The main difference with ubershaders is skip the shader generation/compilation
and directly interpret the raw shader binary .

    
    
        > Also - does this generalise to other rendering pipelines for other devices do you think?
    

Modern shader cores are more or less Turing complete, so you should be able to
do the same on any other rendering pipeline which fits into 'opengl pipeline
model', including other modern GPUs.

Though, while it might be possible to run modern shaders in this manor, it
won't run fast enough, because you will have to spill some (or even a lot) of
the shader's state to the host GPU's main memory.

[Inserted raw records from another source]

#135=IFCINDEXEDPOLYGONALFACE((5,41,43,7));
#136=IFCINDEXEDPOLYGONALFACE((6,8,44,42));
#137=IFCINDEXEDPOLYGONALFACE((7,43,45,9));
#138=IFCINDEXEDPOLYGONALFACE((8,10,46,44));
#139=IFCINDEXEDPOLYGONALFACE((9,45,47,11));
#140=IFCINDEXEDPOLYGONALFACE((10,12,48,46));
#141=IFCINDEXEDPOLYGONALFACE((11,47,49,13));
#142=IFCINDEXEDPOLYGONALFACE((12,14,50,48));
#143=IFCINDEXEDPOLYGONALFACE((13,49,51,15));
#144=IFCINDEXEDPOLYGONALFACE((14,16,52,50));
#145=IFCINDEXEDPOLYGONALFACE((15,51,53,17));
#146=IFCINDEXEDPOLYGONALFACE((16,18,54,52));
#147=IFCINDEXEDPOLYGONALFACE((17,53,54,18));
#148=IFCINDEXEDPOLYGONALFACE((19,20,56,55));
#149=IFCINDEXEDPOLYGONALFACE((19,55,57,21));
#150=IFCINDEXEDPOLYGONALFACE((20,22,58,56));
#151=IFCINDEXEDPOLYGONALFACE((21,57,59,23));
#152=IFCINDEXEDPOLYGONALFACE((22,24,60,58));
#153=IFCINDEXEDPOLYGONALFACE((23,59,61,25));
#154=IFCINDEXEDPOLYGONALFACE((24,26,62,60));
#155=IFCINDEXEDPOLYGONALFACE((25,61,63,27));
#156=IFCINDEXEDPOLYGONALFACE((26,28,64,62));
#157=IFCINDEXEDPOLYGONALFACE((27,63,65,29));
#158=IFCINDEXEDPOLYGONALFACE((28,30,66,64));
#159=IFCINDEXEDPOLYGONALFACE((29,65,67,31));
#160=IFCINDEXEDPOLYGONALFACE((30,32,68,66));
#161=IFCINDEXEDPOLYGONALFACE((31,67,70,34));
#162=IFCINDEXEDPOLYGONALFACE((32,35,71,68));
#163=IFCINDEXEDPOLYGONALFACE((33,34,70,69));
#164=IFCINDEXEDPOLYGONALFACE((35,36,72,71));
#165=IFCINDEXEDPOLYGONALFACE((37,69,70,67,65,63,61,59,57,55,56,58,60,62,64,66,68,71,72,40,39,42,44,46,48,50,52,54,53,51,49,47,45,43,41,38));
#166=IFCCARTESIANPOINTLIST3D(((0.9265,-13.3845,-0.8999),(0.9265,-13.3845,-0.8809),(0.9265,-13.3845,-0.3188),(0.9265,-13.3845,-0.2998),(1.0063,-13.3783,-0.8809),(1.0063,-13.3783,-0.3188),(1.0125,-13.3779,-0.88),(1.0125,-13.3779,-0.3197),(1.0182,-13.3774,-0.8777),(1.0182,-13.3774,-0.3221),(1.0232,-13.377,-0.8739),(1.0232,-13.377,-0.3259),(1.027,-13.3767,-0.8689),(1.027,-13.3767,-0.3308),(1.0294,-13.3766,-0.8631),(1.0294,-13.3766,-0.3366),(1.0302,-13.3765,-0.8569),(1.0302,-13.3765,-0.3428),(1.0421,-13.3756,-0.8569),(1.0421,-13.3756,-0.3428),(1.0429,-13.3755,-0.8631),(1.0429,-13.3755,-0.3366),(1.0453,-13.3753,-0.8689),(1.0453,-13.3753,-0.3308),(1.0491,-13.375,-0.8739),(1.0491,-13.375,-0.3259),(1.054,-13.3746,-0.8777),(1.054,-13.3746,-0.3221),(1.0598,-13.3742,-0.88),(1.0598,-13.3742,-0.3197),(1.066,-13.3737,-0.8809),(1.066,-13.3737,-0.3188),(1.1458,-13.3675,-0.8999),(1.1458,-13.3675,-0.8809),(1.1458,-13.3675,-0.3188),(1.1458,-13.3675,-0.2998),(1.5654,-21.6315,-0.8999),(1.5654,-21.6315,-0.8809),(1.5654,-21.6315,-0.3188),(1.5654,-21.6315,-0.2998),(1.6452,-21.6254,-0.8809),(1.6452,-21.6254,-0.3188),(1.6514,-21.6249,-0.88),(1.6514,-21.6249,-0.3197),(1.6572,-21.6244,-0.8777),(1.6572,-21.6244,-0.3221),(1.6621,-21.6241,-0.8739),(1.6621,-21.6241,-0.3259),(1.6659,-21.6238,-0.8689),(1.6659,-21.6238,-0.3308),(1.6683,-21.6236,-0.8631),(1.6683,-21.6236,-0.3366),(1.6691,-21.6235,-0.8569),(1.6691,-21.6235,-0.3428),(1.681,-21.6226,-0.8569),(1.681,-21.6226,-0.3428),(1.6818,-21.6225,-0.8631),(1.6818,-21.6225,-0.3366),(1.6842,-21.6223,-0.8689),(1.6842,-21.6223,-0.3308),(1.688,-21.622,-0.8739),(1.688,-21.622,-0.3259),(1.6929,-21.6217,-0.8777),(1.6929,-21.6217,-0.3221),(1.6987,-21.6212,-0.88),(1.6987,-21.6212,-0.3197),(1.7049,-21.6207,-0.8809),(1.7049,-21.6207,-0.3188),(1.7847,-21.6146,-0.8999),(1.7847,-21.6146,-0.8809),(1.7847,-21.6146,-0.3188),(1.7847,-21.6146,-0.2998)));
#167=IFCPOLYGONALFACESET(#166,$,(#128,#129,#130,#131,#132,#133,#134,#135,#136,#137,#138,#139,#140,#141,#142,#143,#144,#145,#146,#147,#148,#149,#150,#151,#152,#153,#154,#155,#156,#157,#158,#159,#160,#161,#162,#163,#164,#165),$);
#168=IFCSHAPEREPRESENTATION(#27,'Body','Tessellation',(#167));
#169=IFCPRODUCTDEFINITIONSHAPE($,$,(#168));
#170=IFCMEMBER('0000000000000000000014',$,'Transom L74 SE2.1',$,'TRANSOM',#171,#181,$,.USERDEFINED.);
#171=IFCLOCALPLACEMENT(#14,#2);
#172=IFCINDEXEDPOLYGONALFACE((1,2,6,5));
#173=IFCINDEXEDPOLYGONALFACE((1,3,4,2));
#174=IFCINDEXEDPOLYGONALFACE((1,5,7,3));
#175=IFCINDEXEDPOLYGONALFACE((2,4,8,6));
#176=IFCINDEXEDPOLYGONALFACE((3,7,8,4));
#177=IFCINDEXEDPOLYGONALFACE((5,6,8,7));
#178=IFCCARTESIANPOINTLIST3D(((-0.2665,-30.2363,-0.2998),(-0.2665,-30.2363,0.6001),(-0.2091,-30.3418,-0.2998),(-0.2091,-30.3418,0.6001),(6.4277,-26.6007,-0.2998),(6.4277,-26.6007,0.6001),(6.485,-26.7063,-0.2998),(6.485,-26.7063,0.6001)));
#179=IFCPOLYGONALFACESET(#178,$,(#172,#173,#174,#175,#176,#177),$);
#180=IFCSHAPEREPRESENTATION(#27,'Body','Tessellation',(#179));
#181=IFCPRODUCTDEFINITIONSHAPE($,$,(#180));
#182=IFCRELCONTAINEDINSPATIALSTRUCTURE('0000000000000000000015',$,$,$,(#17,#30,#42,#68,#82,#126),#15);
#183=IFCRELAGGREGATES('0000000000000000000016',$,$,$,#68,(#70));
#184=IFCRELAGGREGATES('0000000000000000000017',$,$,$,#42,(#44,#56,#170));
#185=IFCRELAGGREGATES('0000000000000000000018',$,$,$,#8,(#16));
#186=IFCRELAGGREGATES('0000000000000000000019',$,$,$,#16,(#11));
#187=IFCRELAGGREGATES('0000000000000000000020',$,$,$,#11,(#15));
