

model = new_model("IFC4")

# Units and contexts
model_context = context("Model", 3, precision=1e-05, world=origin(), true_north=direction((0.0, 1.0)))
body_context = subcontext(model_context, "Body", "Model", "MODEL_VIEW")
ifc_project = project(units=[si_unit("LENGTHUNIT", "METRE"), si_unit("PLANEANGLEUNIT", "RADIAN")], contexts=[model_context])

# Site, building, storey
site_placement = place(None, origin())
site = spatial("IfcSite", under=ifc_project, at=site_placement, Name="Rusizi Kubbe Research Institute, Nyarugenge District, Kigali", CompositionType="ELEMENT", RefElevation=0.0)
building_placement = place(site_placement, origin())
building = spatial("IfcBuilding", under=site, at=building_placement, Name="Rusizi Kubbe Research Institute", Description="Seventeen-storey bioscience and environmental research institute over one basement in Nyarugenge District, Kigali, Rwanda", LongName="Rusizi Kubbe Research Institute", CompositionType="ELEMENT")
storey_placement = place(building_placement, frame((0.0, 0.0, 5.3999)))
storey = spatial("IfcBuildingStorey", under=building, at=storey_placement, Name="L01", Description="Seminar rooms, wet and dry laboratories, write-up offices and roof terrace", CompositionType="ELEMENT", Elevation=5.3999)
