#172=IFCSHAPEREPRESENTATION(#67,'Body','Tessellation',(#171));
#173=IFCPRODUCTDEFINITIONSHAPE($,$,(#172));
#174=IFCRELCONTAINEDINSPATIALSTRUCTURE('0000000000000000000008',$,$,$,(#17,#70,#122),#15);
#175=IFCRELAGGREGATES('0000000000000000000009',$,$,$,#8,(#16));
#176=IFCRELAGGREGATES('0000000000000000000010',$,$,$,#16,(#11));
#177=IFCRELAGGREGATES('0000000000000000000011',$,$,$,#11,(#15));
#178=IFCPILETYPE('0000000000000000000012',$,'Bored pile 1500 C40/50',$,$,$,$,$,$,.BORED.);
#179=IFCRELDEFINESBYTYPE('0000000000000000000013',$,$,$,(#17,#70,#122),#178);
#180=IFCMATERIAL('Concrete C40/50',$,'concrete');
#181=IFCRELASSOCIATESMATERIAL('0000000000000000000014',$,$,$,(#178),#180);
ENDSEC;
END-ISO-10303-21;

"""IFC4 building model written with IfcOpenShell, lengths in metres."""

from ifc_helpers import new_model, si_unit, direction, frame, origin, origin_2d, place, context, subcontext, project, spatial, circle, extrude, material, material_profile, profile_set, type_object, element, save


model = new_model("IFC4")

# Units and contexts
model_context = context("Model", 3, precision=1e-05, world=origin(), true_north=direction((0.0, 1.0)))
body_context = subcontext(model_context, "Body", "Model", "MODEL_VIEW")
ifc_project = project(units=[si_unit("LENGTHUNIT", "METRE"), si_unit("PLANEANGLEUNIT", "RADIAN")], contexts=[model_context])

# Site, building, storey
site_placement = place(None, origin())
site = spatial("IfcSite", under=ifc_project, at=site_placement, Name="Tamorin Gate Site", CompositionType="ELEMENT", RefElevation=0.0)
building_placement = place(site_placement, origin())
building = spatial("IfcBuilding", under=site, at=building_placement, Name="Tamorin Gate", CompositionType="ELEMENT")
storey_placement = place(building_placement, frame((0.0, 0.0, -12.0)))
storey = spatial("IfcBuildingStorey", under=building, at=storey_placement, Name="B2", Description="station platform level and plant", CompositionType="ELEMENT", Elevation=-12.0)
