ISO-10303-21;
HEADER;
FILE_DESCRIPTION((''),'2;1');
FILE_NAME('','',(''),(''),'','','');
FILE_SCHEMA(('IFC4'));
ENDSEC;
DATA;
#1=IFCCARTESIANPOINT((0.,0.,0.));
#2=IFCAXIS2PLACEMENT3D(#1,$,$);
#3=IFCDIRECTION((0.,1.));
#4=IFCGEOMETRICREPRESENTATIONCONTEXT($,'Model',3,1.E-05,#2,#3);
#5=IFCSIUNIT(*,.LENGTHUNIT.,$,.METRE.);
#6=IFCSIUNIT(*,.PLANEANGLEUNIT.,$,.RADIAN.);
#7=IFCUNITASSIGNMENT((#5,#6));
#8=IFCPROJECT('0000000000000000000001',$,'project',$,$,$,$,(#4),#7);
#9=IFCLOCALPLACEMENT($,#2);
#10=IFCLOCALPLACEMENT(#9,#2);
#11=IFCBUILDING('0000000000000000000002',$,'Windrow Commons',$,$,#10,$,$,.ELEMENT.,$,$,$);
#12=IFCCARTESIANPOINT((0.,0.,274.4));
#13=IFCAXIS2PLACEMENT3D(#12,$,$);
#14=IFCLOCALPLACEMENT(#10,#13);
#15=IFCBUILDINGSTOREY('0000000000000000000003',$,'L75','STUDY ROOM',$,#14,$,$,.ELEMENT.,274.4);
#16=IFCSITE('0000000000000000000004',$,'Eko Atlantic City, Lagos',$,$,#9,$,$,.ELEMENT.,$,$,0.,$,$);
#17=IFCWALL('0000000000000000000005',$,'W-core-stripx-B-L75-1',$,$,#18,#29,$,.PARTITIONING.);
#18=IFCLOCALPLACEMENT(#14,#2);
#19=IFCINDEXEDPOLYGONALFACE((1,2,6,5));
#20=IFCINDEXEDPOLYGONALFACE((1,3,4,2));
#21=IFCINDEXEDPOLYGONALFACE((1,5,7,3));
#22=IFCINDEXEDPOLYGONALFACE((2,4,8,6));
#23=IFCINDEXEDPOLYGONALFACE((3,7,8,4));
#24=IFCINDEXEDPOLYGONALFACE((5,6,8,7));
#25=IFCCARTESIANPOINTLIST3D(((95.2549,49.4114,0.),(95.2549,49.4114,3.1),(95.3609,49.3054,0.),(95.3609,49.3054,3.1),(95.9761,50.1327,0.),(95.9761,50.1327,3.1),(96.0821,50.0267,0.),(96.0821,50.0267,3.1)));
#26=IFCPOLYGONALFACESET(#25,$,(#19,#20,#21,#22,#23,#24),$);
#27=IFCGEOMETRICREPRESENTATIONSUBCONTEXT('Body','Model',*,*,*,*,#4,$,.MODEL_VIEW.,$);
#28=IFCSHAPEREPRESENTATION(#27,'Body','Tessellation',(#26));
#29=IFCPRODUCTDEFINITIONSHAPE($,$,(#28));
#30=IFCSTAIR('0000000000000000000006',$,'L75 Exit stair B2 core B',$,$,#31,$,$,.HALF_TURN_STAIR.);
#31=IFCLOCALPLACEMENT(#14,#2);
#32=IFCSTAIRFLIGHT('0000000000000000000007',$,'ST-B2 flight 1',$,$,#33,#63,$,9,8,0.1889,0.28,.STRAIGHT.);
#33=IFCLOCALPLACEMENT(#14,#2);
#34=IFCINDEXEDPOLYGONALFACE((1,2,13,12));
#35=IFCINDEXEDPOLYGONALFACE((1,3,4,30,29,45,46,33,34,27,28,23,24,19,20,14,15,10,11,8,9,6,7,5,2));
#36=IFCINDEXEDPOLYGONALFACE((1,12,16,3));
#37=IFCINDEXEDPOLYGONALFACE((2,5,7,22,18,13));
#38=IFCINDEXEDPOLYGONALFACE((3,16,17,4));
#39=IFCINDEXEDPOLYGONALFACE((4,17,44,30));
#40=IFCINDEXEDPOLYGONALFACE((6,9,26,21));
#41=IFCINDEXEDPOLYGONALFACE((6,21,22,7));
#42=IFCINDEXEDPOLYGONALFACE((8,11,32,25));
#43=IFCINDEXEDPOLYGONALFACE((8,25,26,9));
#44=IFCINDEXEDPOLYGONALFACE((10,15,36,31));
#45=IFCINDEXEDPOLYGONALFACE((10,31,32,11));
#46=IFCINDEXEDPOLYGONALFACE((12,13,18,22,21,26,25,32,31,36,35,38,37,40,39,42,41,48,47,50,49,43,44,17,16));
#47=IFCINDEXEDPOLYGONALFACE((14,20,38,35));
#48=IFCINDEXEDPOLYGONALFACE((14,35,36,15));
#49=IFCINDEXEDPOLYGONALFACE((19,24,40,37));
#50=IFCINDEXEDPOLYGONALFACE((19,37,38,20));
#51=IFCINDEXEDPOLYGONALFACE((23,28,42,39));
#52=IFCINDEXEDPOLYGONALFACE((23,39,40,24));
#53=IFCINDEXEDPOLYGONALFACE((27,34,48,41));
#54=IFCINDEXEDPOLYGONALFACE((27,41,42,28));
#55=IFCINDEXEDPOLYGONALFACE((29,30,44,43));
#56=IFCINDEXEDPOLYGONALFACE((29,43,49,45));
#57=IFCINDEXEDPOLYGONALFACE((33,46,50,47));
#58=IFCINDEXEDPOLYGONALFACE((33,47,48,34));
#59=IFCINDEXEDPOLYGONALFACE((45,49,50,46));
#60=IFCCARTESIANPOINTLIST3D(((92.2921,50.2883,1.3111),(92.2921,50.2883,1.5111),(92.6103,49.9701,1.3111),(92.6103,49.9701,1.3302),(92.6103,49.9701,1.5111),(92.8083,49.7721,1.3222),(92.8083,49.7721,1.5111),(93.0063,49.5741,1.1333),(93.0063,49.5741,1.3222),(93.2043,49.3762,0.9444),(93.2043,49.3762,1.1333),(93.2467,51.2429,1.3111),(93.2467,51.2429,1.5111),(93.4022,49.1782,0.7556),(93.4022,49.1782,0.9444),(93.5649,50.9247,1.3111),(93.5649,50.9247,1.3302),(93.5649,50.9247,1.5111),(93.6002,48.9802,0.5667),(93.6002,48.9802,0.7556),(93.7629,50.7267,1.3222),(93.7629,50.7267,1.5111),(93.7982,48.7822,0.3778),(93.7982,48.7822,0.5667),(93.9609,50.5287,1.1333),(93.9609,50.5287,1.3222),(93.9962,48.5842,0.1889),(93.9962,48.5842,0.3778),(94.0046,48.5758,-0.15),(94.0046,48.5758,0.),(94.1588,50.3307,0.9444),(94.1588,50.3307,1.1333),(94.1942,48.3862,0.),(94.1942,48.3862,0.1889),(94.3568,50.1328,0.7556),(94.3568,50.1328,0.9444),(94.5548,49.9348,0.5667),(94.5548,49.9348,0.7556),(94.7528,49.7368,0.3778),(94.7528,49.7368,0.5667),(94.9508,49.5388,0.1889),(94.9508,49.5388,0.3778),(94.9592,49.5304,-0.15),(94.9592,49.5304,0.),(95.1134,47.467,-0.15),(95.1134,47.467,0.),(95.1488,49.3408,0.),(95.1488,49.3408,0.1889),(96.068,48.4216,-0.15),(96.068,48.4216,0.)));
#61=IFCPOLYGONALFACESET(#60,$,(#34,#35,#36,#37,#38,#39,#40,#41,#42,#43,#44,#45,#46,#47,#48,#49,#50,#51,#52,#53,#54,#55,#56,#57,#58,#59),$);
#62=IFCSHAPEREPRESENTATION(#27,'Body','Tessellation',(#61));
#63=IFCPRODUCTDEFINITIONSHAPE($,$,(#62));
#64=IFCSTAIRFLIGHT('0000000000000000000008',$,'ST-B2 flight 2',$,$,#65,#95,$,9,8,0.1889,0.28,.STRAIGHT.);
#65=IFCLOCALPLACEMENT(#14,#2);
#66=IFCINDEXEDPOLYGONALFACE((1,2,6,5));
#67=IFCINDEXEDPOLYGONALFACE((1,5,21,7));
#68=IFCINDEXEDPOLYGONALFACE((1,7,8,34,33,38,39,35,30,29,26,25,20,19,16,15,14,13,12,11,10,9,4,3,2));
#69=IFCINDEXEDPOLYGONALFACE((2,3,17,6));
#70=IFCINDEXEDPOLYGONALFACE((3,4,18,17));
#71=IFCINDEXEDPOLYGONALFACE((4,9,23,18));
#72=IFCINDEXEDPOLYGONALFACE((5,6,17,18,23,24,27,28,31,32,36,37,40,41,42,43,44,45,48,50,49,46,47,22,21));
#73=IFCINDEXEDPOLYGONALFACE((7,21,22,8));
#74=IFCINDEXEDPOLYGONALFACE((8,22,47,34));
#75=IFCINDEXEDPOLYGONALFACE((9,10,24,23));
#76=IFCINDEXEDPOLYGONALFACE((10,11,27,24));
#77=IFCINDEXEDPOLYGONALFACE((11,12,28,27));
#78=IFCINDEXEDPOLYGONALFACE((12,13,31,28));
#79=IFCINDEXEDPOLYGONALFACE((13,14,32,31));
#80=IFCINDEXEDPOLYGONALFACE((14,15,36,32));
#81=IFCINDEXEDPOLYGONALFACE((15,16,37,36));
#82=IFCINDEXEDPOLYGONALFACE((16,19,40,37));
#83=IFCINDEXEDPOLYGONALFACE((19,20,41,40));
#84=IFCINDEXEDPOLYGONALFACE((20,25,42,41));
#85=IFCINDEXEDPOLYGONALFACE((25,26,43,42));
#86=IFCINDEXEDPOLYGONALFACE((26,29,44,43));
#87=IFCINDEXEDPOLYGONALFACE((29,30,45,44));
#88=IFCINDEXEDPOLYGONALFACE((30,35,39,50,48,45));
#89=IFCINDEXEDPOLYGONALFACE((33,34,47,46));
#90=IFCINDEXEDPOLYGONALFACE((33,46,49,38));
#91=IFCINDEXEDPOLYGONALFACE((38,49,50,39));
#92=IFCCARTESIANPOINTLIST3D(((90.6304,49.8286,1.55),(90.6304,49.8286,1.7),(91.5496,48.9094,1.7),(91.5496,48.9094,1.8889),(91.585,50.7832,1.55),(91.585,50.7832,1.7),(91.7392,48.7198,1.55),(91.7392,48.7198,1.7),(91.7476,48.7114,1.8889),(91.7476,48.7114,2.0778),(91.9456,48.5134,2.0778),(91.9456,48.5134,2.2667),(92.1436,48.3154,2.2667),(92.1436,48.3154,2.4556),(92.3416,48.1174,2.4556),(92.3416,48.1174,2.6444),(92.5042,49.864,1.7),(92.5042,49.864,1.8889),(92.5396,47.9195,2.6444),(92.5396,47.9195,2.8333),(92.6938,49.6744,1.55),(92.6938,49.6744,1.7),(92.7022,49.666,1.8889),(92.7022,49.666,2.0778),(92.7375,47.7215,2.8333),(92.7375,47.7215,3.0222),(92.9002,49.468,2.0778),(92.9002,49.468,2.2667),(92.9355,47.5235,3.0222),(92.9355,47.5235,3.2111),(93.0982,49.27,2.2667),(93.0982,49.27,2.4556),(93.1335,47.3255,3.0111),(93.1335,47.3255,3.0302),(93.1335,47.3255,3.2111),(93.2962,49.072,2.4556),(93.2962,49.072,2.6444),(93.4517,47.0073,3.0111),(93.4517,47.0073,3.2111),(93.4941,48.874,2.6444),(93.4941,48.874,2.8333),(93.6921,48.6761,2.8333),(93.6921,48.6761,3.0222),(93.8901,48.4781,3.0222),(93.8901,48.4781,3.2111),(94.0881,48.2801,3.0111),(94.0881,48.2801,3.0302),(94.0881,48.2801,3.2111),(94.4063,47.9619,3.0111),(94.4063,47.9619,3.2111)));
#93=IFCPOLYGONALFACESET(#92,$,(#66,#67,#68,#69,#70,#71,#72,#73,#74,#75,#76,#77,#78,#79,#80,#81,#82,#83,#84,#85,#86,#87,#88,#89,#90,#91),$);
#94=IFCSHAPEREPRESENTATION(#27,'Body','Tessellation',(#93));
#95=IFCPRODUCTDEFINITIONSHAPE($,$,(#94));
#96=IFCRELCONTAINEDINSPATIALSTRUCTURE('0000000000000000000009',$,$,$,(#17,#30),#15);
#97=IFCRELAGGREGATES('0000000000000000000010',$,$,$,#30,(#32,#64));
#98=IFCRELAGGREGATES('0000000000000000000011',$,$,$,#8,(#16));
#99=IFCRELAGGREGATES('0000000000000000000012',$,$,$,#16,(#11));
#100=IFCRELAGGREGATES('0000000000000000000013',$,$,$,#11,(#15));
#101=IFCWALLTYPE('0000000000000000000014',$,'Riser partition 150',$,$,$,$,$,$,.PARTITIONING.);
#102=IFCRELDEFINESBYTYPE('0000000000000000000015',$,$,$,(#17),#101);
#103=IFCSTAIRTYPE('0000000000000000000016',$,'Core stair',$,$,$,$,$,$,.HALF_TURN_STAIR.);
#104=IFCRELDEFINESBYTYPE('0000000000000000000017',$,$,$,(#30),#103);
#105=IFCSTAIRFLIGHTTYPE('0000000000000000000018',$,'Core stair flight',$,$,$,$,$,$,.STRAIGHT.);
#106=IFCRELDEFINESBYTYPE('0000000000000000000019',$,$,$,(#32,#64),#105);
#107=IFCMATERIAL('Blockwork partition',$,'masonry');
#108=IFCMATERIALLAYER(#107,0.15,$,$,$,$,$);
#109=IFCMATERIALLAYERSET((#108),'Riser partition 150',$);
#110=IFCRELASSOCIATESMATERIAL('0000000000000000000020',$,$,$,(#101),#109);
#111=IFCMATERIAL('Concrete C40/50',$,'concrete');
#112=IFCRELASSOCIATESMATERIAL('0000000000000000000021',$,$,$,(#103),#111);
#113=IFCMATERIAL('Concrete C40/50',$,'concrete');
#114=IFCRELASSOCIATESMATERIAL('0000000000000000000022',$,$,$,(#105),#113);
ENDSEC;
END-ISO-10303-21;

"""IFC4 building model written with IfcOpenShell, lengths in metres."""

from ifc_helpers import new_model, si_unit, direction, frame, frame_2d, origin, place, context, subcontext, project, spatial, polyline, rectangle, outline, extrude, material, layer, layer_set, type_object, element, aggregate, save


model = new_model("IFC4")

# Units and contexts
model_context = context("Model", 3, precision=1e-05, world=origin(), true_north=direction((0.0, 1.0)))
body_context = subcontext(model_context, "Body", "Model", "MODEL_VIEW")
ifc_project = project(units=[si_unit("LENGTHUNIT", "METRE"), si_unit("PLANEANGLEUNIT", "RADIAN")], contexts=[model_context])

# Site, building, storey
site_placement = place(None, origin())
site = spatial("IfcSite", under=ifc_project, at=site_placement, Name="Eko Atlantic City, Lagos", CompositionType="ELEMENT", RefElevation=0.0)
building_placement = place(site_placement, origin())
building = spatial("IfcBuilding", under=site, at=building_placement, Name="Windrow Commons", CompositionType="ELEMENT")
storey_placement = place(building_placement, frame((0.0, 0.0, 274.4)))
storey = spatial("IfcBuildingStorey", under=building, at=storey_placement, Name="L75", Description="STUDY ROOM", CompositionType="ELEMENT", Elevation=274.4)

# Wall
ifc_material_1 = material(Name="Blockwork partition", Category="masonry")
ifc_layer_1 = layer(ifc_material_1, 0.15)
ifc_layer_set_1 = layer_set([ifc_layer_1], Name="Riser partition 150")
wall_type_1 = type_object("IfcWallType", Name="Riser partition 150", PredefinedType="PARTITIONING", material=ifc_layer_set_1)
wall_1_placement = place(storey_placement, frame((95.3079, 49.3584, 0.0), z_axis=(0.0, 0.0, 1.0), x_axis=(0.707058, 0.707156, 0.0)))
element("IfcWall", 1, at=wall_1_placement, inside=storey, type_object=wall_type_1, Name="W-core-stripx-B-L75-1", PredefinedType="PARTITIONING", context=body_context, shape_type="SweptSolid", body=[
    extrude(rectangle(XDim=1.02, YDim=0.15, at=frame_2d((0.51, 0.0))), origin(), (0.0, 0.0, 1.0), 3.1),
])

# Stair, stair flights
ifc_material_2 = material(Name="Concrete C40/50", Category="concrete")
stair_type = type_object("IfcStairType", Name="Core stair", PredefinedType="HALF_TURN_STAIR", material=ifc_material_2)
stair_placement = place(storey_placement, origin())
stair = element("IfcStair", 2, at=stair_placement, inside=storey, type_object=stair_type, Name="L75 Exit stair B2 core B", PredefinedType="HALF_TURN_STAIR")
ifc_material_3 = material(Name="Concrete C40/50", Category="concrete")
stair_flight_type = type_object("IfcStairFlightType", Name="Core stair flight", PredefinedType="STRAIGHT", material=ifc_material_3)
stair_flight_1_placement = place(storey_placement, frame((94.6715, 48.8635, 0.0), z_axis=(0.0, 0.0, 1.0), x_axis=(-0.707107, 0.707107, 0.0)))
stair_flight_1 = element("IfcStairFlight", 3, at=stair_flight_1_placement, type_object=stair_flight_type, Name="ST-B2 flight 1", NumberOfRisers=9, NumberOfTreads=8, PredefinedType="STRAIGHT", RiserHeight=0.1889, TreadLength=0.28, context=body_context, shape_type="SweptSolid", body=[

Ubershaders work well for dolphin because the entire mutable state of the
GameCube's pixelshaders fit into the available registers, with plenty of space
left over. I assume it will work well for other DirectX 8 or even DirectX 9
era GPUs.

------
lordleft
This was a really well written overview of a technical puzzle and it's
eventual resolution. Loved the lucidity of the prose!

------
sltkr
Fascinating read!

The final approach of interpreting the shaders initially, while compiling them
in the background for greater performance, sounds very similar to what just-
in-time compilers do.

If you think about it, the problems they face are also kind of similar: both
systems are confronted with unpredictable, dynamic "source code", and both
want to achieve both high performance while avoiding the lag introduced by
ahead-of-time compilation, so it makes sense that a similar solution approach
might work.

------
Fiahil
I never thought people would be working full time on emulator projects. I
guess I really underestimated the amount of work going there.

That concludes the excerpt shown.